After the trial begins, it may be easy to forget who it was all for.

Interspersed with video clips, the film minimizes the politics of this political issue; in the powerful script and lines, the characters' characteristics and images of the times are fully presented. People from different places, people with different education levels, and people with different educational backgrounds have paid the price of their lives for the same idea.
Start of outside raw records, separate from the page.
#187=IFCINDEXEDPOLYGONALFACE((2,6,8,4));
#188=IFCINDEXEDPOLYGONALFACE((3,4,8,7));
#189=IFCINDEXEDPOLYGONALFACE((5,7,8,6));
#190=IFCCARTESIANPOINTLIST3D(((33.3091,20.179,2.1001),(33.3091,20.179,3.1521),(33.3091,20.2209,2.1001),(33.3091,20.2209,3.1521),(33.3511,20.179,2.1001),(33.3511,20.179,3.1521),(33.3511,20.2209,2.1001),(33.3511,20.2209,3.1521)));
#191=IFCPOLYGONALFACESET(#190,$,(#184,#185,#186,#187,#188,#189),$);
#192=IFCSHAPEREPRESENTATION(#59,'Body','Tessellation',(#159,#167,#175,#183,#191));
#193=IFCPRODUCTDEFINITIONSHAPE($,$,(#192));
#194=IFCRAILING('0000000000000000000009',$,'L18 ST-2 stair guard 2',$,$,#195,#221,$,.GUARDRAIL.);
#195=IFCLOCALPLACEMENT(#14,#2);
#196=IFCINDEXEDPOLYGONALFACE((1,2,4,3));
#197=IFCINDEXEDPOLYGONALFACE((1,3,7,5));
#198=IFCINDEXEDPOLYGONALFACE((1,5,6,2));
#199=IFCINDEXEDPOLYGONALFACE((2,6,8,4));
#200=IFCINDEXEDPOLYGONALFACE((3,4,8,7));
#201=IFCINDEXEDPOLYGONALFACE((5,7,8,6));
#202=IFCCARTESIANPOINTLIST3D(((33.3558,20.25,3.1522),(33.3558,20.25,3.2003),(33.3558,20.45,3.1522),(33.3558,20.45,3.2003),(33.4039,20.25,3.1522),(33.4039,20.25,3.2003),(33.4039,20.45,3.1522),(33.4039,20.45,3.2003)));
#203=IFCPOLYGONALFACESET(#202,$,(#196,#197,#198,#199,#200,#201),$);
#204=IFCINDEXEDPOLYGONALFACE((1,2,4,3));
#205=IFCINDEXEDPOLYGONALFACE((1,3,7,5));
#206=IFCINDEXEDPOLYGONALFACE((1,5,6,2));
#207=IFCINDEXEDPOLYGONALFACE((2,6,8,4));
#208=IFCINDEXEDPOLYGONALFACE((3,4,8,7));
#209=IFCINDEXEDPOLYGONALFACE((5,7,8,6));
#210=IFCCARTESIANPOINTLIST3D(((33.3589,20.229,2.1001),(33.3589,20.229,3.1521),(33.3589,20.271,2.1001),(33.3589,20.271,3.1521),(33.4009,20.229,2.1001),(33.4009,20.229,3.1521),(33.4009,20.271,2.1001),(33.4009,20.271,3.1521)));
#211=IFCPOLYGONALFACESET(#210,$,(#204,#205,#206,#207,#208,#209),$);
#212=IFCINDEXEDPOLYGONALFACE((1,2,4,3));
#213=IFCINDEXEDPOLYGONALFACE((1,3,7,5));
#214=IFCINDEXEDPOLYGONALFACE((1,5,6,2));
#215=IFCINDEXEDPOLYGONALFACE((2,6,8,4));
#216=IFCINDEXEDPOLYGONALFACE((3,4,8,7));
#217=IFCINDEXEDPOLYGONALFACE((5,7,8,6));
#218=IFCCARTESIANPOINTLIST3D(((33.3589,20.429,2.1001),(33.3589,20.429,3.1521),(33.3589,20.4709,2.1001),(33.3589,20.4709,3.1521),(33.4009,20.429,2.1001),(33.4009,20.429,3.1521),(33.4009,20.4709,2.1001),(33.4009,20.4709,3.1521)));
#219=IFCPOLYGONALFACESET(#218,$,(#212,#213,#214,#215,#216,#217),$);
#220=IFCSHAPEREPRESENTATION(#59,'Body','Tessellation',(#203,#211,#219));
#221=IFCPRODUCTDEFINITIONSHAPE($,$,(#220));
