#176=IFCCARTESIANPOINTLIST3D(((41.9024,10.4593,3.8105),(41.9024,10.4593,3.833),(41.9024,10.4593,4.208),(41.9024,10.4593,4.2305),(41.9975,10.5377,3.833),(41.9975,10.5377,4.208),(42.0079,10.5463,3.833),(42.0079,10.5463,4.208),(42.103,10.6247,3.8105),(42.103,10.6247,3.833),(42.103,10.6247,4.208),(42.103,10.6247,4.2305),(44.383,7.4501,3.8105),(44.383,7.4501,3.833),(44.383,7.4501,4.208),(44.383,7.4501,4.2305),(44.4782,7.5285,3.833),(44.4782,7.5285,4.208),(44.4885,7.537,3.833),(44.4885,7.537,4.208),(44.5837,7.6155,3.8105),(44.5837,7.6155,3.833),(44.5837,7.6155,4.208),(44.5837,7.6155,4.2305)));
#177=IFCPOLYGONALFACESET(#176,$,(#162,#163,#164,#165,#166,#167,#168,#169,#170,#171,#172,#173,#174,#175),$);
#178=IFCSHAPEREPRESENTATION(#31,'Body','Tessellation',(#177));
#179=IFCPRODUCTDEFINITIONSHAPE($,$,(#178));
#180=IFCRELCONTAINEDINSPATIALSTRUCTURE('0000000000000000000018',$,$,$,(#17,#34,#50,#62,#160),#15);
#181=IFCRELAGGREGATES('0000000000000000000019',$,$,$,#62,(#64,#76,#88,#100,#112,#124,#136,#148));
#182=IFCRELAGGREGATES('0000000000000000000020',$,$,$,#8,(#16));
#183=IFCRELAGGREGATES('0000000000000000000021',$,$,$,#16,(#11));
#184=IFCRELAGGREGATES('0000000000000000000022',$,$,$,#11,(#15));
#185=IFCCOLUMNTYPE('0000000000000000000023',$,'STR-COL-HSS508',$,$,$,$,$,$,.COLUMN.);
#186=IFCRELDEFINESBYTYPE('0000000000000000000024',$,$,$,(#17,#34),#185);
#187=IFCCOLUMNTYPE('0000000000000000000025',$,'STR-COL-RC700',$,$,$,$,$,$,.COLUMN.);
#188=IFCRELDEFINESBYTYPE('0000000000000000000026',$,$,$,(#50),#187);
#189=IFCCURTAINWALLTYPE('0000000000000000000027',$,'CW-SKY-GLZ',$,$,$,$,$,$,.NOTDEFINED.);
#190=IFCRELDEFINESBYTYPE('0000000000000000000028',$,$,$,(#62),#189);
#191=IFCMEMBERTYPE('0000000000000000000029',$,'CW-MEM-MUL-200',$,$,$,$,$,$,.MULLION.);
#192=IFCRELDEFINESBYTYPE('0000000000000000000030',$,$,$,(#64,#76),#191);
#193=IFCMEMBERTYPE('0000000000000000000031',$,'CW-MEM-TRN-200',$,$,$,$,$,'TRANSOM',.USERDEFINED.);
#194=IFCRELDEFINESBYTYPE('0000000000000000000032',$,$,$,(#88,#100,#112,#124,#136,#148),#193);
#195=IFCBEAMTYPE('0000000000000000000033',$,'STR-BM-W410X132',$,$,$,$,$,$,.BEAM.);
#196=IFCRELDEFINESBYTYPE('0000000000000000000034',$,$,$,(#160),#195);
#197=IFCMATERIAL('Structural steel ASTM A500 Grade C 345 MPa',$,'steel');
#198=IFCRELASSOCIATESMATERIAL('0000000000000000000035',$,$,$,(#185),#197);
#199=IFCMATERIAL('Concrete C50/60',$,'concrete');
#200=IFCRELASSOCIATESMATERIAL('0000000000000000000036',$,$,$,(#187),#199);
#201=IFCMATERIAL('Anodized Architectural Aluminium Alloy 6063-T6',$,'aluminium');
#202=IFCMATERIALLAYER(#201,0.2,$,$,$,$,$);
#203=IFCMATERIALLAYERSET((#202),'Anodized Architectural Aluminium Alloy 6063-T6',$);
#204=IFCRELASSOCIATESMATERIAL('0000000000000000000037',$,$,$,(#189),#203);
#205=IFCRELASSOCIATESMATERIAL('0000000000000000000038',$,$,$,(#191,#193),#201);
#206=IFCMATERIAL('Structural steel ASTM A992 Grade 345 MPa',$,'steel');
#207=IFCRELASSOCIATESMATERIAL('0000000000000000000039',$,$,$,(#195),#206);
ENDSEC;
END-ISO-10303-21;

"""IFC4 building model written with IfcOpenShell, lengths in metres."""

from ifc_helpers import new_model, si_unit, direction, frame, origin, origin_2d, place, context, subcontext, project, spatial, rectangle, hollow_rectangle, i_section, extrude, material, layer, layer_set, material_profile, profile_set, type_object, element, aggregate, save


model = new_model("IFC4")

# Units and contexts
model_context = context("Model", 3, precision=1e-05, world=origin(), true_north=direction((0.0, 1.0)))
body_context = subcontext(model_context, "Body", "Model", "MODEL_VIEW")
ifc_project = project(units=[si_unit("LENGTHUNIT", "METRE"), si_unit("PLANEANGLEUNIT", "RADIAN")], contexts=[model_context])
It has to be said (and mentioned by many film critics) that the lines of this movie are really excellent. Alan Sorkin's obvious concerns and expectations for politics and the country have been very obvious from his famous work "The White House". However, compared to the elite anchors of "Newsroom", his political tendencies appear objective and restrained in this film. His lines have greatly reduced various external factors, providing the audience with an event-only work, through the mouths of the characters. To speak to the general aspirations of the people at the time, and to focus the film on the trial itself, rather than other grand and controversial implications and meanings. The characters' characteristics and positions of the times gradually become three-dimensional in the stacking of lines. From prosecutors, lawyers to judges, from black politicians to elite college students, the motives and thoughts of the characters are diluted. The ending of the movie even changed the order of reality, showing a shock similar to "The Defender", making the trial the only thing in the eyes and hearts of the audience.

When political issues are no longer political, when social identity is no longer social, what will be left of this trial?

Perhaps it is the expression of self, the expectations for the country, and the efforts for the future.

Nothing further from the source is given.